Similarly, in ‘Republic v Richard David Alden’ [2016] eKLR Lesiit, J. held that mere relationship, especially one which is not filial, is not sufficient to prove likelihood of interference. There is need of further proof that would demonstrate a real existence of a likelihood that the witnesses have or are likely to be interfered with – for instance, the evidence that the two witnesses will remain in accused employment.

On whether the accused is a flight risk, Lesiit observed that the fact the accused (in the matter) had a job abroad was not proof accused was fleeing the country. Neither could it be used as evidence of an intention to absent himself from court’s jurisdiction for purposes of the trial.

Public interest

In ‘Republic v Fredrick Ole Leliman & 4 others’ [2016] eKLR Lesiit, J opined as follows:

Undermining the criminal justice system includes instances where there is a likelihood that witnesses may be interfered with or intimidated; the likelihood that accused may interfere with the evidence; or may endanger an individual or individuals or the public at large; likelihood the accused may commit other offences. In this instance, where such interferences may occur, the Court has to determine whether the integrity of the criminal process and the evidence may be preserved by attaching stringent terms to the bond or bail terms; or whether they may not be guaranteed in which case the Court may find that it is necessary to subject the accused to pre-trial detention. In order to determine the public interest question, the Prosecution and through them the investigators have a duty to avail evidence in order to convince the Court that there are compelling reasons to deny the accused bail.

The failure of justice in Okoth Obado

Courts have similarly applied themselves to other grounds of opposing bail. Although the decisions are not cited here, the legal principle to be picked from most of them is that in objections to bail, courts will only be moved by tangible evidence and not mere suspicion.

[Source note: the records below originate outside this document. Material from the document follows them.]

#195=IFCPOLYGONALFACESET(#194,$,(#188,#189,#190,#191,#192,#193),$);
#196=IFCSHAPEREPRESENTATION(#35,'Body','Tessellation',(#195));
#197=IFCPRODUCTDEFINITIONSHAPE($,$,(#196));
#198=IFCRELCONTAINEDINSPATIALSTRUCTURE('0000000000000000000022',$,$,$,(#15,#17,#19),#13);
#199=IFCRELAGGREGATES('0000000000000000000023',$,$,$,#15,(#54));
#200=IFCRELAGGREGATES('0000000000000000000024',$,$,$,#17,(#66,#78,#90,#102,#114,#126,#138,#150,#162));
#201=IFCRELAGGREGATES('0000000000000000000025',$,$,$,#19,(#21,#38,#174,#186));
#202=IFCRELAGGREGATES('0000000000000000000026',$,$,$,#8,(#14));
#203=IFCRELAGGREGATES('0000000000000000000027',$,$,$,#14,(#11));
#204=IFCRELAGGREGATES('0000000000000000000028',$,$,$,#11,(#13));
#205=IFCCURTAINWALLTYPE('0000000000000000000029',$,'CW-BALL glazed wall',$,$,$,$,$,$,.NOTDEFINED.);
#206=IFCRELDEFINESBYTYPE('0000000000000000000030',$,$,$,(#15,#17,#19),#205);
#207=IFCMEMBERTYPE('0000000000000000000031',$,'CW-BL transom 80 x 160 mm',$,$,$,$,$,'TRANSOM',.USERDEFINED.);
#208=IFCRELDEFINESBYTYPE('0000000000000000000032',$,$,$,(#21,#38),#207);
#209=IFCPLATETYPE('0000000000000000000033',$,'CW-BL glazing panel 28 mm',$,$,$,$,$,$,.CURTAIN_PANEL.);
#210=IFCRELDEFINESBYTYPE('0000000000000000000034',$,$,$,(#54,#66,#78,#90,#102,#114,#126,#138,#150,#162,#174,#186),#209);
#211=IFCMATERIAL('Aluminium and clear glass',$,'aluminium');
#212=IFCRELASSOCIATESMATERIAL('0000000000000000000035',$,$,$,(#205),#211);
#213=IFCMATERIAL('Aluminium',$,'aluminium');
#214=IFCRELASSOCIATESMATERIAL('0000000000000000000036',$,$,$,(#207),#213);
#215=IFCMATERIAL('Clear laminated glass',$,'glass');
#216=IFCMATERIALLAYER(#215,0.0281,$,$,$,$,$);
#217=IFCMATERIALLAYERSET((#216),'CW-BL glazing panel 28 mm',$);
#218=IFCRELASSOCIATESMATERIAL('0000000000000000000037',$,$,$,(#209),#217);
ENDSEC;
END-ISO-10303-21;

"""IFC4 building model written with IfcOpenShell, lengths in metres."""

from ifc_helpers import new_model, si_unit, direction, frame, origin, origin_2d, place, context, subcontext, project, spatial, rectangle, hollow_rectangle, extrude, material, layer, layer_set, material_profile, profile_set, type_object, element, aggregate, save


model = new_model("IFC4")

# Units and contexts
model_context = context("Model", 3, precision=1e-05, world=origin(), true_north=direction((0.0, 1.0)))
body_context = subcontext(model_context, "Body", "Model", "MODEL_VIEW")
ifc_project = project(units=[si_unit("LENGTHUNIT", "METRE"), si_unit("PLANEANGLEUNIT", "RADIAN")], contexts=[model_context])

Although courts are supposed to be guided by these factors in their bail decision-making, they do not always explain their decisions. This leads, for example, to situations in which one magistrate denies bail while another allows bail in similar circumstances. Over the years, there have been quite a few instances where courts have denied accused persons bail on the ground only that they face grave charges, without considering other factors. The recent decision by Lady Justice Jessie Lesiit in ‘Republic v Zacharia Okoth Obado’ [2018] eKLR suffices.

In this matter, inter alia, Lesiit J did not consider the Prosecution’s failure to provide witness statements, documentary and other evidence as a compelling reason to warrant the grant of bail. In her considered opinion at Paragraph 25, failure to provide such important evidences could not be interpreted to mean that the Prosecution had no case at all, unless good grounds existed which could lead to such a conclusion. At Paragraph 34, she also took cognizance of ongoing investigations as a ground to warrant the denial of bail. Whether there was better of lack of preparation and inability to proceed than the absence of crucial documents is crucial that perhaps deserves another forum.

Her reasoning on the whole question of the likelihood of interference with the case, investigations and witnesses, the absence of tangible evidence notwithstanding, is even more curious. Herein, the learned Judge applied herself as follows:

I find it difficult to address that point at this stage. The nature of the case has been changing, and additional persons are being brought and charged with the same offence. Interference with the case is not constructively by meddling with the witnesses in a case, it can also be indirect say by releasing someone facing the same charge while others are being arrested.

In doing so she inadvertently elevated the need to conduct investigations as a reason for denying bail. Considered in toto, her decision means that an accused person could be detained indefinitely to allow the Prosecution to gather evidence for the weakest of prima facie cases.